Setting up your system
If you know what you are doing, install the necessary program (see yaml file below) via whatever method you like best. Otherwise, I suggest you install the programs and libraries we will need via the package manager conda. To install conda, follow the instructions relevant for your operating system. On linux, this could be achieved by these two commands:
wget https://repo.continuum.io/miniconda/Miniconda2-latest-Linux-x86_64.sh
bash Miniconda2-latest-Linux-x86_64.sh
To install the packages we need, create (or download) the following file that specifies the dependencies
name: xlab
channels:
- bioconda
- defaults
dependencies:
- python=2.7
- biopython>=1.66
- numpy>=1.10.4
- scipy>=0.16.1
- fasttree>=2.1.9
- iqtree>=1.5
- mafft>=7.305
Then install all these dependencies on a specific environment via
conda env create -f xlab.yml
source activate xlab
Influenza virus sequences
Download the file H3N2_Australia.fasta and open it in a text editor. This file contains influenza virus genomes (more precisely the segment HA of H3N2 viruses sampled in Australia). You should see something like this
>A/Brisbane/1/2017|01/02/2017|Australia|H3N2
GGATAATTCTATTAACCATGAAGACTATCATTGCTTTGAGCTGCATTCTATGTCTGGTTTTCGCTCAAAA
AATTCCTGGAAATGACAATAGCACGGCAACGCTGTGCCTTGGGCACCATGCAGTACCAAACGGAACGATA
...
This is the so-called fasta
file format. A line that starts with >
contains the name of the sequence (in this case a concatenation of name, data, country and subtype).

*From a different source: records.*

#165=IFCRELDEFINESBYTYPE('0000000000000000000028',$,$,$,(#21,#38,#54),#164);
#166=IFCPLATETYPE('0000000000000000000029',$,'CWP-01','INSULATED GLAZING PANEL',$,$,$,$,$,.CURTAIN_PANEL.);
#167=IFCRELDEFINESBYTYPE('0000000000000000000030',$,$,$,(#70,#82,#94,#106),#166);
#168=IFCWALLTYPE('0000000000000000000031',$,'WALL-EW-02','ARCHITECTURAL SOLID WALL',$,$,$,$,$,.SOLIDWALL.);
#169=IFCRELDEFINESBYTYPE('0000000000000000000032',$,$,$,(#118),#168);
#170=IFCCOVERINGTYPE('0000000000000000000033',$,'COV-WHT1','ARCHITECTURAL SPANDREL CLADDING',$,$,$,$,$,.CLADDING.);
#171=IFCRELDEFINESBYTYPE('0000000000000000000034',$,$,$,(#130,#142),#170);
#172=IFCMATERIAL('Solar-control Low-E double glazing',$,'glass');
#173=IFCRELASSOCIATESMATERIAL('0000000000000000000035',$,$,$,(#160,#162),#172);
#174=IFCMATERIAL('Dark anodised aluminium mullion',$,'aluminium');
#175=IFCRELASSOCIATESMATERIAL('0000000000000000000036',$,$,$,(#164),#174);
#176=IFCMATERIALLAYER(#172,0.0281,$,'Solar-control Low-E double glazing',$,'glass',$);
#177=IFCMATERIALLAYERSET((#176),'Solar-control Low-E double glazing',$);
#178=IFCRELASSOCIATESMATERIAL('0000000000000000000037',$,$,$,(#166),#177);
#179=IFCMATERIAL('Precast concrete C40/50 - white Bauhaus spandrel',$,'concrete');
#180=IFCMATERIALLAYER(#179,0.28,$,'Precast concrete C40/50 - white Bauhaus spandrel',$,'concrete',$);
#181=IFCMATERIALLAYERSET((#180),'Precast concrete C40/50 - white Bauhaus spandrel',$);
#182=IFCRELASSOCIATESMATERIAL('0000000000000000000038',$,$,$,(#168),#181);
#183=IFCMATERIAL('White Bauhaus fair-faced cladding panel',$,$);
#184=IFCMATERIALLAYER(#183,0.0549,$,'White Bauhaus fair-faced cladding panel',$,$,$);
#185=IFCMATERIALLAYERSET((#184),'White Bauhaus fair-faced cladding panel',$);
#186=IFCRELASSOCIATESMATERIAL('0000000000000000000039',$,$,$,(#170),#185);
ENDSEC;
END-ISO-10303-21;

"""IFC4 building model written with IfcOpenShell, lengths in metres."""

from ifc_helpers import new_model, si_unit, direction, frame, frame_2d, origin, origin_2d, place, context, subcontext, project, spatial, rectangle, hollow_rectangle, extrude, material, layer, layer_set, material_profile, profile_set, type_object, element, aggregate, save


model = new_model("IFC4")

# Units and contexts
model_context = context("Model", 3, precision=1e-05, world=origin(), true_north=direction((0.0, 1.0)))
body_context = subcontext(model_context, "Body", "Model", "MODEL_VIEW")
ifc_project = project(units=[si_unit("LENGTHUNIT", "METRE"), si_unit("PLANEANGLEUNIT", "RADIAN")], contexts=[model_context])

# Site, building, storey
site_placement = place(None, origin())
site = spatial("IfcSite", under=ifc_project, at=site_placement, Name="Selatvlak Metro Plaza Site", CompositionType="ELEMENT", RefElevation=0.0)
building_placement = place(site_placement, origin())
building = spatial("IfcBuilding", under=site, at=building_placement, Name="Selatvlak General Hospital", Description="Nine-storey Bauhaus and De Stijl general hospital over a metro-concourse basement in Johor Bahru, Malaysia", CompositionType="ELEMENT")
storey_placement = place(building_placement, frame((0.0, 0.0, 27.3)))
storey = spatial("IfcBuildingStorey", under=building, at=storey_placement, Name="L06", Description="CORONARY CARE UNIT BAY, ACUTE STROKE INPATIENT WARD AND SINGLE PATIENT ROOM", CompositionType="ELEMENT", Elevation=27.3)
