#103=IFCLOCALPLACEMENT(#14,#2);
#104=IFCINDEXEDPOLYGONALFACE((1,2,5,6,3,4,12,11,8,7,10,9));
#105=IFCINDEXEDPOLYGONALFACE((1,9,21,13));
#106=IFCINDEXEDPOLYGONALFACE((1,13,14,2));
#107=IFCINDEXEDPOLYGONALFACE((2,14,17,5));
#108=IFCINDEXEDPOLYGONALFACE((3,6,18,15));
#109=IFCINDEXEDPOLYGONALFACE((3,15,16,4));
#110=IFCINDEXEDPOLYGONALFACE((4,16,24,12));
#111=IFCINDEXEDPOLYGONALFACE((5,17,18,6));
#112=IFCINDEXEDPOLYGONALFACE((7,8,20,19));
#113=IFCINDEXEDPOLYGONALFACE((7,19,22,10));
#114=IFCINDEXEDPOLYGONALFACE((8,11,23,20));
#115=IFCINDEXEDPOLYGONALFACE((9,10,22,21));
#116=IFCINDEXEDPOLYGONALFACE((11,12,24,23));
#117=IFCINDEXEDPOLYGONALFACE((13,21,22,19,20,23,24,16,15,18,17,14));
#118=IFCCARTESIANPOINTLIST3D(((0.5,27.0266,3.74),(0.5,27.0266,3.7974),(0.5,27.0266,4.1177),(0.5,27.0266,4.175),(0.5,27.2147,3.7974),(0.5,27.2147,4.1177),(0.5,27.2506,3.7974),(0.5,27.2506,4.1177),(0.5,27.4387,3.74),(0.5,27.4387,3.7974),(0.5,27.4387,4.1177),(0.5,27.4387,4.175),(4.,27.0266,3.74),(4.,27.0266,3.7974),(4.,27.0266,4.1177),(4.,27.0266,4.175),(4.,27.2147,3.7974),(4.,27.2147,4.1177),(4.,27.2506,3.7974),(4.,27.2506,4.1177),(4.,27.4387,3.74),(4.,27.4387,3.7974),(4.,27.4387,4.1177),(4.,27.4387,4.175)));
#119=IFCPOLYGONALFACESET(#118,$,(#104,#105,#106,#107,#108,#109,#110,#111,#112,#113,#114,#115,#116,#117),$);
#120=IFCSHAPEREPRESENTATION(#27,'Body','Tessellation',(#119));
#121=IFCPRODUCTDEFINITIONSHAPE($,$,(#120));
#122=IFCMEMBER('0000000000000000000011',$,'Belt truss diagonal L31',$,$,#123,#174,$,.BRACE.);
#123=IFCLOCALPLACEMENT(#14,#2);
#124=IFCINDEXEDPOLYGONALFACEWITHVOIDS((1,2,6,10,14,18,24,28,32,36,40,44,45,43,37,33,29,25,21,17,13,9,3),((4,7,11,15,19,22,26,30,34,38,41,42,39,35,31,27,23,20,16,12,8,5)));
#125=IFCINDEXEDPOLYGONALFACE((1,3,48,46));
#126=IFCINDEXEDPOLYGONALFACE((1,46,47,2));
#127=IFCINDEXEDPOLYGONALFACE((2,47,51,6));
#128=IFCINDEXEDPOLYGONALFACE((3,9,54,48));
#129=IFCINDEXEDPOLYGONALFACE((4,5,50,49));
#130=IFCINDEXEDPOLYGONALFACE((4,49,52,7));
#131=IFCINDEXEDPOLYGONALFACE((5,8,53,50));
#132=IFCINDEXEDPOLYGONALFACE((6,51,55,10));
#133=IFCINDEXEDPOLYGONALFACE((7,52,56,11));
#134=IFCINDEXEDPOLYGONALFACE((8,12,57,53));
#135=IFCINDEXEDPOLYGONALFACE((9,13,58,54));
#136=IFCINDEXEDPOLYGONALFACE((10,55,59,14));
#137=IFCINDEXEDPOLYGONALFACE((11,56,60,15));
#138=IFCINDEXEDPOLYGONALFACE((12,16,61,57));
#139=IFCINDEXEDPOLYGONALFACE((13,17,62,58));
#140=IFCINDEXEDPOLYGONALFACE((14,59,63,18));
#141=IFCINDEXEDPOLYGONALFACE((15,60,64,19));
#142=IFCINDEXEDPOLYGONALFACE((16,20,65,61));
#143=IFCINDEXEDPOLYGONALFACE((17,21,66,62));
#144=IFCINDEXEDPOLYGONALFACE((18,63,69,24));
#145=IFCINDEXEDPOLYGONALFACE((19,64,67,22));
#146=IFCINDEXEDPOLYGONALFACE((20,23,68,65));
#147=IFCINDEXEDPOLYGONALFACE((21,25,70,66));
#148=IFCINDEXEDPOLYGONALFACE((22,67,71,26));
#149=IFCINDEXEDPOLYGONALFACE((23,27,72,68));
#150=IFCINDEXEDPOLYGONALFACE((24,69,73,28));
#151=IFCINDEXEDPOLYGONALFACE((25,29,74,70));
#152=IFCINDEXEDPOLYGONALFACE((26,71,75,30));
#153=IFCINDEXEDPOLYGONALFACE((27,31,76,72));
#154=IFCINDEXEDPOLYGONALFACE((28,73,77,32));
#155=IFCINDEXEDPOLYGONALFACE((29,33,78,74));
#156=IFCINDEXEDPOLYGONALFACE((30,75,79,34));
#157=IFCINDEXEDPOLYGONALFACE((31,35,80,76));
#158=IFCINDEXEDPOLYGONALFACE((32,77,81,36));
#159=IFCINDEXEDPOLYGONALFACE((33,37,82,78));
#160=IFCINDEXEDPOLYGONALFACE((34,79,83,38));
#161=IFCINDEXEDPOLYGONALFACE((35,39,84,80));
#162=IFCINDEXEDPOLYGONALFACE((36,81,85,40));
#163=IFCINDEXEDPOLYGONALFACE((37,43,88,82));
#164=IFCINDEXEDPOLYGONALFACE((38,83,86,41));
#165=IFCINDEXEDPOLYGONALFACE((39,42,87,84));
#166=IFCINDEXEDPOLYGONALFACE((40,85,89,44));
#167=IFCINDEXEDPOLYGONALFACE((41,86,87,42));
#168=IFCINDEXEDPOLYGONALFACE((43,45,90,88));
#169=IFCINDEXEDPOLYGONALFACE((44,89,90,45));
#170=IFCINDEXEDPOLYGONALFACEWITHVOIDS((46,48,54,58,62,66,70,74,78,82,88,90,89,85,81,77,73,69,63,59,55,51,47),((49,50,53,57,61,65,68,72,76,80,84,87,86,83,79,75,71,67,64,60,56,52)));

All other lines contain the actual sequence.
A more convenient way to explore such sequences is via a dedicated alignment viewer such as aliview.
If you want, download and install it.
The different nucleotides (A,C,G,T) in this sequence are colored differently. The isolated differences between the sequences correspond to mutations that happened somewhere in the history of the sample. The sequences in this alignment code for a protein and the alignment viewer has the functionality to translate the nucleotide sequences into amino acid sequences.
The genetic code maps nucleotide triplets (so called codons) to amino acids. In this case, codons start at the 2nd positions, i.e., the reading frame is +2.
Sequence alignment
The sequences in the file above are already aligned, that is corresponding nucleotides are arranged in columns in the alignment.
This is not necessarily the case.
Sequences could simply have different length (parts at the beginning or end are missing in some sequences), or during evolution some parts of the sequences might have been deleted or other inserted.
In this case, we need to align the sequences (insert gaps -
at the appropriate places) to make sure corresponding nucleotides are in the same column.
In this context, corresponding positions are positions that share a common ancestor, and in general such positions are more likely to be in the same state.
ATCTCGTCG---ACTC
||...|X||...||X|
AT---GACGGCGACGC
To score and compare alignments, one typically assigns a positive score to a match |
, a negative score to a mismatch X
and gaps.
The optimal alignment of a pair of sequences can be computed in polynomial time (square of the length of the sequence) via a dynamic programming scheme (transfer matrix type for the physicists), but alignments of multiple sequences are in general a hard problem.
A fast but accurate mutliple alignment tool is mafft
.
Phylogenetic tree reconstruction
Sequences of the same influenza virus segment descent from a common ancestor without recombination.
Their history is hence described by a tree that links the common ancestor to all offspring.
Tree reconstruction is in general hard since there are super exponentially many trees.
In most cases, however, efficient heuristics give accurate results.
A reliable but fast tree reconstruction package is iqtree
.
To construct a tree from the sequences above, type the following on the command line
iqtree -s H3N2_Australia.fasta
This will generate a number of files and the one ending on treefile
will contain the tree.
This tree is written in the so-called newick format that groups sequences like so
((A:0.1, B:0.12):0.05,C:0.13);
To look at the tree you just constructed, do the following in ipython
:
from Bio import Phylo
T = Phylo.read('H3N2_Australia.fasta.treefile', 'newick')
T.ladderize()
Phylo.draw(T)
this should open a window with a graphical depiction of the tree.